Figure 1. IST laboratory furnace.

Figure 2 shows a schematic of the furnace roof and burner arrangement. The burner consists of

a central gun and a secondary air supply in a conventional double-concentric configuration, terminating in a refractory quarl. The burner gun consist of two concentric tubes: the central orifice is used for the introduction of the solid fuels together with the primary air (transport air) and the annular orifice is used for the introduction of natural gas (see figure 2).
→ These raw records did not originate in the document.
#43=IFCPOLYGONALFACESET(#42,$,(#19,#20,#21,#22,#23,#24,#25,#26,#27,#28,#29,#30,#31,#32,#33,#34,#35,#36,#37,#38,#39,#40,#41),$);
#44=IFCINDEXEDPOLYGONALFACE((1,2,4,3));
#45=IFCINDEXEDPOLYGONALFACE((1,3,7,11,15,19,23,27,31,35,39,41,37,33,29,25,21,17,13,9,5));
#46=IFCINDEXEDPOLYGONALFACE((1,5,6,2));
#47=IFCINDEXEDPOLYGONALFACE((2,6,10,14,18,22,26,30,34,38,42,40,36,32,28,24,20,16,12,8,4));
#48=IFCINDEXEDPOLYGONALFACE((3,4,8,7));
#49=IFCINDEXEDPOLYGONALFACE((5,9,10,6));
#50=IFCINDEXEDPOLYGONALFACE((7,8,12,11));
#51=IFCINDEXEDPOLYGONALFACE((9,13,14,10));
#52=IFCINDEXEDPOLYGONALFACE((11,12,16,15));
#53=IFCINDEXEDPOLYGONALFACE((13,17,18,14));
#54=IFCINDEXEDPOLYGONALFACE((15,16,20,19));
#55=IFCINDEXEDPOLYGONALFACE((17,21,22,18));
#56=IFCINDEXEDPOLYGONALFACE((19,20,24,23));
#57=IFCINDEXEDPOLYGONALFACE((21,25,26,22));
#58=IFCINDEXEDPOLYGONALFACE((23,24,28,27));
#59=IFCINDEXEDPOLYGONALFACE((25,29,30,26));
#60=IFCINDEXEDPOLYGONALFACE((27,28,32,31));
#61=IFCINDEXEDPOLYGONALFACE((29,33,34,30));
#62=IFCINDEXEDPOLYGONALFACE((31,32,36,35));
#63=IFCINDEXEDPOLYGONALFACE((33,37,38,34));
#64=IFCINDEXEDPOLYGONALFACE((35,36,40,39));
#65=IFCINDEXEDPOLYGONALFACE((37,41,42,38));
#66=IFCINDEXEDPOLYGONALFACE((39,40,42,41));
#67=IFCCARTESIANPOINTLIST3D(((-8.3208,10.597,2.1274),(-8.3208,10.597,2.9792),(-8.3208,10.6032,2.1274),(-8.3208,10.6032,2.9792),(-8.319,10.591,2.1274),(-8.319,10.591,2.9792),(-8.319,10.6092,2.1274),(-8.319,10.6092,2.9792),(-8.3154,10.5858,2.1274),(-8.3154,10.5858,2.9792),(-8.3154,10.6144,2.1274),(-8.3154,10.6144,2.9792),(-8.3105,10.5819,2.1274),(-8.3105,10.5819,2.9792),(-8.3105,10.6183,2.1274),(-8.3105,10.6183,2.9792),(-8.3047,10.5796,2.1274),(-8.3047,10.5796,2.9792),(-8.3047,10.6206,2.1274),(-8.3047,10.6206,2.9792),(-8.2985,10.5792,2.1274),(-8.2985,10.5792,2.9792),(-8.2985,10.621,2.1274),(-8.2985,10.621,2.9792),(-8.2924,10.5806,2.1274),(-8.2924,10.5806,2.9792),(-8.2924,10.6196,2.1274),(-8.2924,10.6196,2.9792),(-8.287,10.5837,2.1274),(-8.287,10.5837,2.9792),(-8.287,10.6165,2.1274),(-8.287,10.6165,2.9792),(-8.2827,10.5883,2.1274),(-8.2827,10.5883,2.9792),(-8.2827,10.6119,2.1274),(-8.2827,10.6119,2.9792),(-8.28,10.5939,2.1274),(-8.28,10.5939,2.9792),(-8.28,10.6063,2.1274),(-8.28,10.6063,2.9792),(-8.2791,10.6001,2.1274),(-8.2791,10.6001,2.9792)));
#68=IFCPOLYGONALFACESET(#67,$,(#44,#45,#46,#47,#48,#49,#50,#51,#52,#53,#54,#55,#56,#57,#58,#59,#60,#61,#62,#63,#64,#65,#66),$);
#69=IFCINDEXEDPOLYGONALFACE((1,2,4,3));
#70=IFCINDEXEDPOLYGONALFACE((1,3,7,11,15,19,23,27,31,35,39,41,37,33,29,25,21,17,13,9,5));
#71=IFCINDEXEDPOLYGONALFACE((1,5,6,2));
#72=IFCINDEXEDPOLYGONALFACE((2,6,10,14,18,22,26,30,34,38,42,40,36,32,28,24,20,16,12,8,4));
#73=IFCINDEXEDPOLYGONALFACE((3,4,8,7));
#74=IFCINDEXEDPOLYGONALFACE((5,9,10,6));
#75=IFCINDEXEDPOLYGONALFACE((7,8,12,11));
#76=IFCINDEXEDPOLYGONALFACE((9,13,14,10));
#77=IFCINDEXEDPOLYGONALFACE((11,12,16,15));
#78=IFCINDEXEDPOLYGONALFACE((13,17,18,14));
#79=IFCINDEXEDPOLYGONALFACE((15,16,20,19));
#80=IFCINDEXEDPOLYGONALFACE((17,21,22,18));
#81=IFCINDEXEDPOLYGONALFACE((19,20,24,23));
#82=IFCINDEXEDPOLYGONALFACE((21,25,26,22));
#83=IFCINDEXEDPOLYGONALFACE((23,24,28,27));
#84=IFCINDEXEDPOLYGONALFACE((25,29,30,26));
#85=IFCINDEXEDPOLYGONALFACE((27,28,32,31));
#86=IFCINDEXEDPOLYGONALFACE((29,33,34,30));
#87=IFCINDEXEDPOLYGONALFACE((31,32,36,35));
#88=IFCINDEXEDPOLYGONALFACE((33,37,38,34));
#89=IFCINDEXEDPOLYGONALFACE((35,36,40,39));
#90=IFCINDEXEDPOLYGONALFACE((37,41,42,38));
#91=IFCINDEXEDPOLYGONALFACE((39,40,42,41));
The secondary air, supplied by a fan of variable speed, enters the plenum chamber situated above the burner (see figure1), in which in encounters a movable block swirl generator of the type developed at the International Flame Research Foundation. The air then flows through an interchangeable cylindrical duct and subsequently into the refractory quarl section. The solid fuel feeding system is fully described in [7,9]. The transport (primary) air for the solid fuels is supplied by an air compressor, with the flow rates being measured using mass flow controllers.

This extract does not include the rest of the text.